Aguilar, assim como Juárez, é originário do estado de Oaxaca (sul), um dos distritos com maior riqueza cultural do país, conhecido no mundo por seus artesanatos e produtos têxteis, que a famosa pintora Frida Kahlo também costumava usar.

Artesãos locais lembram que há cerca de 40 anos começaram a ser vistos políticos homens vestindo camisas adornadas com bordados tradicionais.

O próximo presidente da Suprema Corte, um conhecido defensor das comunidades indígenas, é lembrado por vestir estas peças há alguns anos.

Irma Pineda, uma poetisa da etnia zapoteca, que é deputada estadual em Oaxaca, e também costuma vestir roupas tradicionais, comemorou o anúncio de Aguilar, mas pediu que ele vá além da imagem.

"No particular, gostaria de escutar Hugo Aguilar (...) falar no sentido de que haverá justiça para os povos indígenas", disse a legisladora à AFP.

Segundo o censo oficial, 20% dos quase 130 milhões de habitantes do México se identificam com algum povo originário.
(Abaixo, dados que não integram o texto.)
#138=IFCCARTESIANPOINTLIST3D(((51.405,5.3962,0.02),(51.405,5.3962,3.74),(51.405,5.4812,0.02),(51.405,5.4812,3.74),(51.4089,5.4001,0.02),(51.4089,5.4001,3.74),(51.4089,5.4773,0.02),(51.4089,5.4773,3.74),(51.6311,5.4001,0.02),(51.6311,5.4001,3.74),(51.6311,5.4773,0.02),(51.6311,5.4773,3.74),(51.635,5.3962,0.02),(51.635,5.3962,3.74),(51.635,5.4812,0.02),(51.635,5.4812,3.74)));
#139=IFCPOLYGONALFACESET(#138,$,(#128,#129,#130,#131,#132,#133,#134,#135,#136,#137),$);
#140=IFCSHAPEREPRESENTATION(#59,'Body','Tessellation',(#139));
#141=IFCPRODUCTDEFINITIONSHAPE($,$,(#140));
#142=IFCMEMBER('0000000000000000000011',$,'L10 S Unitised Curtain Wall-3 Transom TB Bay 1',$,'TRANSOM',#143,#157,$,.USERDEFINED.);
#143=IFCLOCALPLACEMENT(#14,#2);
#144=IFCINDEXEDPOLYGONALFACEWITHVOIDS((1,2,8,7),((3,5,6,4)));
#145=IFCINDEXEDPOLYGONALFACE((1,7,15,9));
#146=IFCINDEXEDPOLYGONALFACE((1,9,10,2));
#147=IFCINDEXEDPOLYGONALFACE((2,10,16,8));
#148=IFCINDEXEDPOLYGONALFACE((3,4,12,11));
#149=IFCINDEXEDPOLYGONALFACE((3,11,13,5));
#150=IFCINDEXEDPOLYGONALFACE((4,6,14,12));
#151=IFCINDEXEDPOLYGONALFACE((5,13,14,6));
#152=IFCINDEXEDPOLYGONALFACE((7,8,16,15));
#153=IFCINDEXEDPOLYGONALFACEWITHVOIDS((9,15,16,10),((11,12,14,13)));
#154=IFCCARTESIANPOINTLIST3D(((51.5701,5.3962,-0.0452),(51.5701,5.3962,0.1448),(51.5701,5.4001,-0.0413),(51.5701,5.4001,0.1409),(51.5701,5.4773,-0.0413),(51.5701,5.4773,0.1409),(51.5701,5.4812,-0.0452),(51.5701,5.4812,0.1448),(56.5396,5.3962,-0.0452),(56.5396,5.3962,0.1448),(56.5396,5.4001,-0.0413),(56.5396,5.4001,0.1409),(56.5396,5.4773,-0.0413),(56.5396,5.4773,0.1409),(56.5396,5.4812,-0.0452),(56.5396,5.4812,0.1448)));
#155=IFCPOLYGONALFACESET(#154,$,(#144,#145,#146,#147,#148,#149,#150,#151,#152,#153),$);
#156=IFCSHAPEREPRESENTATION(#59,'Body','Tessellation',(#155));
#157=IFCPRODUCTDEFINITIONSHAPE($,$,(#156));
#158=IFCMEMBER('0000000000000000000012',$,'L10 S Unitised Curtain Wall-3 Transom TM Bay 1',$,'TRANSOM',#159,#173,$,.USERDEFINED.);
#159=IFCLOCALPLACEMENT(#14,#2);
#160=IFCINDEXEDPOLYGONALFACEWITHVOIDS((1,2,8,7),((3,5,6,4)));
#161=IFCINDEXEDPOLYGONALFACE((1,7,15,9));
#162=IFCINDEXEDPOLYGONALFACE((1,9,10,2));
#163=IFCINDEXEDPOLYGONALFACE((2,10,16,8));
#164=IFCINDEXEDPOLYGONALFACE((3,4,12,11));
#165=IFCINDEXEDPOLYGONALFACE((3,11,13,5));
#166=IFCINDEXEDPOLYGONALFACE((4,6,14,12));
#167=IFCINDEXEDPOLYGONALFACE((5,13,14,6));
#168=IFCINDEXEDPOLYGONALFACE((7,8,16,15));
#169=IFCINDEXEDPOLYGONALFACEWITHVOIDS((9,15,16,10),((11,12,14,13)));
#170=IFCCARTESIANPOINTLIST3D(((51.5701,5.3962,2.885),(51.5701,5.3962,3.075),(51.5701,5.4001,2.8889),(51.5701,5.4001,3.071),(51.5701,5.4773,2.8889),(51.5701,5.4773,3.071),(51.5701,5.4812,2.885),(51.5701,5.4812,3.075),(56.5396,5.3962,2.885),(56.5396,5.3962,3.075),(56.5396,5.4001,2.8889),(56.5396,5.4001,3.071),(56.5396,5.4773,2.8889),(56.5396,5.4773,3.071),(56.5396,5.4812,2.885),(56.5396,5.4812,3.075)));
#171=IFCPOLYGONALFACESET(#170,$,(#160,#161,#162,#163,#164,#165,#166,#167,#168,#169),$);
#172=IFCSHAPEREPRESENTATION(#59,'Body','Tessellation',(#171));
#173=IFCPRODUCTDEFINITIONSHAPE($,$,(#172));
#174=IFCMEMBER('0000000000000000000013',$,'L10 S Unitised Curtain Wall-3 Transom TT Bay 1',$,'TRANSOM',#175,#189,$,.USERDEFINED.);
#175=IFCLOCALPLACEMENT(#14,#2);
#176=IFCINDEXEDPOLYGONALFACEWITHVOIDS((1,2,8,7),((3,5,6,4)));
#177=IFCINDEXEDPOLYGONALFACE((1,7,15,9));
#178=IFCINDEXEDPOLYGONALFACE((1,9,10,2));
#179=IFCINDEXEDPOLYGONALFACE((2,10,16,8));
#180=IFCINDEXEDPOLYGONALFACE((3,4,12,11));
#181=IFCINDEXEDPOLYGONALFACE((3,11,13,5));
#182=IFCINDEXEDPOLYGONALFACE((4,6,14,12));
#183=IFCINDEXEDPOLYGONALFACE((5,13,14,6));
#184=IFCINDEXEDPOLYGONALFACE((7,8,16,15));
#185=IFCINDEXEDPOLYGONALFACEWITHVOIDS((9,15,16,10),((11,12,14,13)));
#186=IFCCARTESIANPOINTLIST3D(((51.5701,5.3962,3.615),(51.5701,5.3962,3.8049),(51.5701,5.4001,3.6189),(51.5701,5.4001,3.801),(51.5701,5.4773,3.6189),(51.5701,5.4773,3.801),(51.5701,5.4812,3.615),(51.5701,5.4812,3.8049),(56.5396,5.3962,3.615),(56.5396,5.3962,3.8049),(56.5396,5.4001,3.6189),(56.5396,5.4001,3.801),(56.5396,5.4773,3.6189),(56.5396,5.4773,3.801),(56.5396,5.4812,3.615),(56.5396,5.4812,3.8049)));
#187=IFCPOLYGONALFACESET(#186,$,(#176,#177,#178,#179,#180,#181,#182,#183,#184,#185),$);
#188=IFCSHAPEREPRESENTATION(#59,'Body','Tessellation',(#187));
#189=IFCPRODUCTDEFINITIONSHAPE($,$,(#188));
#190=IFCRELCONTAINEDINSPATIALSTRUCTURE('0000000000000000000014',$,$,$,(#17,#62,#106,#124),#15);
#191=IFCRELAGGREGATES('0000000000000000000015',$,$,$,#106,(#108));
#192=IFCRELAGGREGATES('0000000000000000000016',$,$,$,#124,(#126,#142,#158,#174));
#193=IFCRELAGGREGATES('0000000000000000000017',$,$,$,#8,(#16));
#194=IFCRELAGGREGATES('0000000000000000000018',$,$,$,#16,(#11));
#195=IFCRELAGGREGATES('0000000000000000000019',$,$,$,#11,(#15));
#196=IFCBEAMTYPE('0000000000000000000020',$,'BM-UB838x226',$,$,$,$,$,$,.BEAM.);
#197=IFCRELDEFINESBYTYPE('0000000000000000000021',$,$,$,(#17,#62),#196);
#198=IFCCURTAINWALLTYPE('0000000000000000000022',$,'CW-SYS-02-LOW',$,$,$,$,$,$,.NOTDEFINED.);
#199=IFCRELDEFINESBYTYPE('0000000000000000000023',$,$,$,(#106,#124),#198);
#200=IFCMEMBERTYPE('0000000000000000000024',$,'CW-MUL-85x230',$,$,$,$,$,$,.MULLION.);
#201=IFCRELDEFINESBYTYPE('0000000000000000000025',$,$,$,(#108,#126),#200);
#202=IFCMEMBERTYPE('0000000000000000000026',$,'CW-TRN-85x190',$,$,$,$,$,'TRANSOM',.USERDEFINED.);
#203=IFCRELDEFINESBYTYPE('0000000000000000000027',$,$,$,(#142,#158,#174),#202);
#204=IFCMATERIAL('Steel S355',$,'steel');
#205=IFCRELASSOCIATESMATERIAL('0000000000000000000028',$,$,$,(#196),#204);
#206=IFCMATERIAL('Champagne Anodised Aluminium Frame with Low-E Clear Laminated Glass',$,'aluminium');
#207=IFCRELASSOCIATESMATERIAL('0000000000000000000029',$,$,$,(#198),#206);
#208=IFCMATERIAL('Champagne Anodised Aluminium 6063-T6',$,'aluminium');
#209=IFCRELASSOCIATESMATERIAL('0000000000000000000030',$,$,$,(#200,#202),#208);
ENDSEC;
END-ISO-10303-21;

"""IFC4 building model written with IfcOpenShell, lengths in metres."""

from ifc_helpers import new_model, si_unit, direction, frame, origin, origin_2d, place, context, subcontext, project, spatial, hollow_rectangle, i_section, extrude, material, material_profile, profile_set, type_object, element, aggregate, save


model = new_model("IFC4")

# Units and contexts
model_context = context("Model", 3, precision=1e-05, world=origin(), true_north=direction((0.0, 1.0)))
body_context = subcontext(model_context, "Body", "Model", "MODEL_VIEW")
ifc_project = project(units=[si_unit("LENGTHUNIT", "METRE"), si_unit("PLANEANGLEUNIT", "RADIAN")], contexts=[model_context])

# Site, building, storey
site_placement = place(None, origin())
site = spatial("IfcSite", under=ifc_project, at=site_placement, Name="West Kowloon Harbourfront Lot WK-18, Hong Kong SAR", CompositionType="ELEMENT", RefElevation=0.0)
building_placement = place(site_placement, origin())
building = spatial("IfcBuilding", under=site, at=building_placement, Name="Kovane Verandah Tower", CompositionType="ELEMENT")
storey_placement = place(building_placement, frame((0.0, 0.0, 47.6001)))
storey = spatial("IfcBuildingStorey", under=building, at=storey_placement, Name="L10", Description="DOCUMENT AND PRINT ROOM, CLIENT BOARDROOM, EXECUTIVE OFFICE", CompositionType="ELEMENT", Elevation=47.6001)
Durante a campanha, Aguilar denunciou que os indígenas foram vítimas de "negação, exclusão e abandono".

"Chegou nossa vez", proclamou o jurista em mensagens nas redes sociais, nas quais aparecia vestindo camisas brancas com bordados coloridos.

Pineda aguarda com expectativa que as ações apresentadas pelas comunidades contra projetos governamentais, como o turístico Trem Maia, que o próprio Aguilar promoveu anos atrás, cheguem à máxima corte.

"Será interessante ver qual será sua postura na Suprema Corte quando tiverem que abordar estes temas", ressaltou.

- Uso ético -

Salvador Maldonado, porta-voz do Museu Têxtil de Oaxaca, defende que Aguilar faça um uso "ético" destas peças, muitas delas com um profundo significado cerimonial.

Trata-se de "não só vê-la como uma peça [de vestuário] isolada, mas como um patrimônio que está sendo usado", explicou o especialista.

Graciela Santos, zapoteca da comunidade de Santo Tomás Jalieza, dedicada à confecção e venda de trajes típicos, espera que o Supremo se torne uma vitrine que estimule suas vendas.

"Assim, as pessoas vestiriam mais trajes típicos, talvez comprariam um pouquinho mais", disse a artesã, que frequentemente lida com clientes que pedem para pagar barato por peças que exigem até meses para sua confecção.

A promoção e comercialização das peças artesanais são uma prioridade do governo de esquerda de Sheinbaum, que organiza a cada ano no México a feira têxtil Original, para promover os criadores indígenas, combater o plágio e proibir a barganha.